There will be no soft landing for SOFI stocks

Sofi Technologies (NASDAQ:SOFI) the stock was a disappointment for investors. From the start, the neo-banking firm was supposed to disrupt the American financial sector. However, this vision did not become reality in the 2020s. SOFI’s long-term shareholders are still struggling to break even.

The central bank’s restrictive monetary policy will certainly not make things easier for SoFi Technologies. In addition, any bullish assumption based on President Joseph Biden’s Student Debt Relief Plan may end in disappointment.

Some people imagined that SoFi Technologies would give traditional banks a hard time. They may have invested in the hope of multi-bagger returns. With SoFi offering personal loans, mortgages, brokerage services and more, the company would surely take significant market share from conventional lenders. Right?

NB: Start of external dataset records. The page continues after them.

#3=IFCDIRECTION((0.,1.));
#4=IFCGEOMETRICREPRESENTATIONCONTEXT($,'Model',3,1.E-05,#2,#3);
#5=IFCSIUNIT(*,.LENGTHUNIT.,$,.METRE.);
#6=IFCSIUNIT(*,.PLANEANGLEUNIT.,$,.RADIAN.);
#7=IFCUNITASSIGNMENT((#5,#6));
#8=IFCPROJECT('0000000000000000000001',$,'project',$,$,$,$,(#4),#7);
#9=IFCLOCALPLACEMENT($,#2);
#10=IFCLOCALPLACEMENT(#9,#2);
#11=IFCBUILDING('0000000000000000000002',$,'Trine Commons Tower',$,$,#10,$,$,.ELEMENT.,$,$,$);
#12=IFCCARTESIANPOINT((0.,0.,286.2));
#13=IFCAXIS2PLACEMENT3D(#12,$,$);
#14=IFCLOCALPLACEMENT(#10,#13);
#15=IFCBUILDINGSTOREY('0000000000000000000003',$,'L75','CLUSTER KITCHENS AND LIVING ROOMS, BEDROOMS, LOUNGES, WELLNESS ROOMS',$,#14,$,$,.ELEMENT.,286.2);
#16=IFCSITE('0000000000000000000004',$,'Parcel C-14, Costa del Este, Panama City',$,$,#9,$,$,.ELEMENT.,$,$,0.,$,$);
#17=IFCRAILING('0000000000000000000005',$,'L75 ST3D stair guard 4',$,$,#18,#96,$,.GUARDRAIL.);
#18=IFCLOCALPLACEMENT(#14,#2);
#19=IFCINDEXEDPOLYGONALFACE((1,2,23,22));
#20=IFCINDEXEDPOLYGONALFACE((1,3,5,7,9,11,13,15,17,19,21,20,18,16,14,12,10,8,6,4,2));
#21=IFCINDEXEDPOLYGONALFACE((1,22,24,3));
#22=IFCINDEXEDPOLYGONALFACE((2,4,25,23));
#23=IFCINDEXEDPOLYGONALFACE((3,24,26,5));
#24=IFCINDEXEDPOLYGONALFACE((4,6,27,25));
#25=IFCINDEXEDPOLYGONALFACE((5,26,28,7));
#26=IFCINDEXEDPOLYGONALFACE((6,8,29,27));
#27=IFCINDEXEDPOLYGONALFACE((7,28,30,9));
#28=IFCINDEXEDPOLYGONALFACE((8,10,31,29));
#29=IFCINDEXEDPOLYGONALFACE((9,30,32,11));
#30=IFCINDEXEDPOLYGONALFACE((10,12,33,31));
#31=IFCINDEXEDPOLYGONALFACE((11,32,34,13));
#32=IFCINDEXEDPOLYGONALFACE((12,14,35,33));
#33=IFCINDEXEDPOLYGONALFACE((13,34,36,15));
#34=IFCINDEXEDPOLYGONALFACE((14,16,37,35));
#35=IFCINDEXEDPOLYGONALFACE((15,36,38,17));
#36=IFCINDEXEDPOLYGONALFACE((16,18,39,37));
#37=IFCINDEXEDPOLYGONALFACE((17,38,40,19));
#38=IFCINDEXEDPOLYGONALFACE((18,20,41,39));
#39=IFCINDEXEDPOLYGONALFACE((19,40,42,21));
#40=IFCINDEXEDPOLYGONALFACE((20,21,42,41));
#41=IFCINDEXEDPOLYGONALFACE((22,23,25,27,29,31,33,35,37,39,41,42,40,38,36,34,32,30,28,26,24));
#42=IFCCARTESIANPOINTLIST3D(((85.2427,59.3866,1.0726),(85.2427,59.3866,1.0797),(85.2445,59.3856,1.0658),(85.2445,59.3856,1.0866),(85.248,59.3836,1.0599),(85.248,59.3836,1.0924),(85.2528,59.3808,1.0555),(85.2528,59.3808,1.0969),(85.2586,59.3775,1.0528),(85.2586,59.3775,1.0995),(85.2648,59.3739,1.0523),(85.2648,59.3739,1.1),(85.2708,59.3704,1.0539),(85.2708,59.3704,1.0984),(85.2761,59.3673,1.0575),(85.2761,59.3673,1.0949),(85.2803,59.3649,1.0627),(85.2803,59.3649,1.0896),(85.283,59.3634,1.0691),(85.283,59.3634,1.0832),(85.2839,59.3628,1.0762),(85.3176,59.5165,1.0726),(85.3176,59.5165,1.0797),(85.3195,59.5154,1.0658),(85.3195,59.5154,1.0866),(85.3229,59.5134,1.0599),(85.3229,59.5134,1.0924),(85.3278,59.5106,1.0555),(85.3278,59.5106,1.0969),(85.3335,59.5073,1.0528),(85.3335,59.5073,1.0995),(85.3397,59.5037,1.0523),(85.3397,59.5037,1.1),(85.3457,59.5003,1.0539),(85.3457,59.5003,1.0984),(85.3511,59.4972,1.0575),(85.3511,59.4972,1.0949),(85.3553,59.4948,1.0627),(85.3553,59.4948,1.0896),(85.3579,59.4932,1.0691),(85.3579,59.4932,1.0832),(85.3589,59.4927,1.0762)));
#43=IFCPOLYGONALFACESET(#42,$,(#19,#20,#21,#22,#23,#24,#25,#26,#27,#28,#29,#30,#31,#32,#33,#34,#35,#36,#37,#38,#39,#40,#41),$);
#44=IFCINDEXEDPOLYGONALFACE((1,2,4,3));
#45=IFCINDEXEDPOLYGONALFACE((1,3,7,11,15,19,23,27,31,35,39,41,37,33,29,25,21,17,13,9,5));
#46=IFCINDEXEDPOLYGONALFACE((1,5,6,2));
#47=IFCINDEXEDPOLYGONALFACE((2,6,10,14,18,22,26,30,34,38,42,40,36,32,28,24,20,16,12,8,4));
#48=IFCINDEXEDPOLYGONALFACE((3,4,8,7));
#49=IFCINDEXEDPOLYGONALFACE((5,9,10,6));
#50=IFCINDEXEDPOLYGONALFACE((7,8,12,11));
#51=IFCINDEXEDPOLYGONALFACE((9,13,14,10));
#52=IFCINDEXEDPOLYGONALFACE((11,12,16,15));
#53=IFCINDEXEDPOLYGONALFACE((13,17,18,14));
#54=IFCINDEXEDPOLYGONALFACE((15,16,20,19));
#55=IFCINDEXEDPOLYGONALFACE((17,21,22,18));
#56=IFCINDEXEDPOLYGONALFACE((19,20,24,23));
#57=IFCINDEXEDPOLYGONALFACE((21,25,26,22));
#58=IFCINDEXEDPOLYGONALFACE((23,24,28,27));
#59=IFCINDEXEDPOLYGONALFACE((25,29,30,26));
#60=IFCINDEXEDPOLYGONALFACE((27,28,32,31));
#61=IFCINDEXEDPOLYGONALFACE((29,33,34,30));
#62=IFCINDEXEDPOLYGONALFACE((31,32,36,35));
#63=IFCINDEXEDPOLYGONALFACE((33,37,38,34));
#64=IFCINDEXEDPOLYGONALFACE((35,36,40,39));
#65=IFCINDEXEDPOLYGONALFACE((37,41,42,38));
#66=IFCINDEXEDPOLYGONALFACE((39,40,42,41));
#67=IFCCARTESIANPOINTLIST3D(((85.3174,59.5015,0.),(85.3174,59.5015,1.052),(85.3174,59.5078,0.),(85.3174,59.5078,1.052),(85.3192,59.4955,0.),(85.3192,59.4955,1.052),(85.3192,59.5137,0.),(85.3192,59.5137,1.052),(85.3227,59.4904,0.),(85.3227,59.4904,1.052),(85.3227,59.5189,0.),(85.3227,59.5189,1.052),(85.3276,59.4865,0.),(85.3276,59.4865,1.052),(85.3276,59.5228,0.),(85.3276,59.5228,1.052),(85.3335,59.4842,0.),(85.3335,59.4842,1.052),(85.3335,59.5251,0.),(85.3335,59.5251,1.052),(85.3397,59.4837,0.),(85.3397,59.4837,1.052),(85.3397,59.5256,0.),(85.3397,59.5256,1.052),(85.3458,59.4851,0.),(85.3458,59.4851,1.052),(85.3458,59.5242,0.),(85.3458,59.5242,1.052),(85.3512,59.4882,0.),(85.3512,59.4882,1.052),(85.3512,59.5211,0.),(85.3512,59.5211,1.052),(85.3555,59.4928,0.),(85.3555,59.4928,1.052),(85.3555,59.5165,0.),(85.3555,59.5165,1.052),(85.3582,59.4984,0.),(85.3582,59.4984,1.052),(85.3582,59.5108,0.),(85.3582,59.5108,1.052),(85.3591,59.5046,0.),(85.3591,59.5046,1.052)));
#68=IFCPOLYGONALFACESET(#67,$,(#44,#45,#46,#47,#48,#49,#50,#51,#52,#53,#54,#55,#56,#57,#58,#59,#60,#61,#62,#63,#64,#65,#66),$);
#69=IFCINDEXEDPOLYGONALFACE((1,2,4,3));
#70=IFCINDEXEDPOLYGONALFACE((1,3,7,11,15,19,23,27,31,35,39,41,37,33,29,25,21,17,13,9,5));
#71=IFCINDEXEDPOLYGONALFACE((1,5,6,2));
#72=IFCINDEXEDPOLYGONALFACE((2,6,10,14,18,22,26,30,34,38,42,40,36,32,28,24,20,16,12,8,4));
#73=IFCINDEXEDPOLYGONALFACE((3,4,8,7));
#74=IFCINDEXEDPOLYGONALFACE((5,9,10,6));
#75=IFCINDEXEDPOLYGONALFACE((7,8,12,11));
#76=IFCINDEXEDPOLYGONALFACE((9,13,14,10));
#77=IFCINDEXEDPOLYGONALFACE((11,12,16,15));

This narrative did not necessarily play out as some investors had hoped. Many American lending institutions are struggling in 2022, and the hawkish Federal Reserve is certainly not helping SoFi Technologies.

Moreover, investors should not rely on the current administration’s student loan policies to save SoFi.

SOFI Sofi Technologies $6.00

Student loan pause didn’t help SOFI stock

SOFI stock already went through its hype phase at the end of 2021, when it hit close to $23. Lately it’s been floundering around $6. The bulls better hope it doesn’t fall below $5 and enter what some would call penny stock territory.

Although SoFi Technologies offers mortgages and other types of loans, let’s face it. SoFi’s bread and butter has been student loans, and the company will likely continue to depend on this type of loan as a major source of revenue.

SoFi student loan income was not enough to make the company profitable in its last reported trimester. Nevertheless, a proclamation from the White House gave some investors hope.

As you may know, the Biden administration wrote off $10,000 to $20,000 in student loan debt per borrower, while extending the pause on student loan debt payments “one last time until 31 December 2022, with payments resuming in January 2023”.

Markets are efficient and forward-looking. All this has been integrated into the SOFI share price. Still, that wasn’t enough to bring the stock price down to $8 or $10, let alone last year’s all-time high.

Fed policy is an obstacle for SoFi Technologies

The seemingly huge student loan pause announcement was meant to be a big catalyst for SoFi, but it failed to move the needle. Meanwhile, society will have to deal with the same problems that the big banks face, namely the Federal Reserve’s aggressive monetary policy.

The big banks will at least have ample capital reserves to help them weather a Fed-induced economic slowdown. On the other hand, SoFi Technologies should struggle as it is not a big company. Keep in mind that SoFi’s market capitalization is less than $5 billion.

As you probably know, the Federal Reserve has raised the federal funds rate several times this year. These are aggressive rate hikes of 50 and even 75 basis points.

First, higher interest rates generally mean more downward pressure on growth stock valuations. So expect traders to avoid SOFI stocks in this tight monetary policy environment.

Second, when the Fed repeatedly raises interest rates, it inhibits lending and borrowing activity. This, of course, is problematic for SoFi Technologies. In other words, you’re essentially “fighting the Fed” if you invest in SoFi now.

What you can do now

The giant traditional banks should be able to withstand aggressively hawkish monetary policy. We can’t say the same of SoFi Technologies with confidence. The company is likely to experience difficulties, as are its shareholders.

SOFI stock has already lost much of its value since the end of 2021. There is no need to stay in the trade if you are rightly worried about losing more money. So, feel free to find another fintech company to bet your hard-earned capital on.

As of the date of publication, neither Louis Navellier nor the member of the InvestorPlace research staff principally responsible for this article holds (directly or indirectly) any position in the securities mentioned in this article.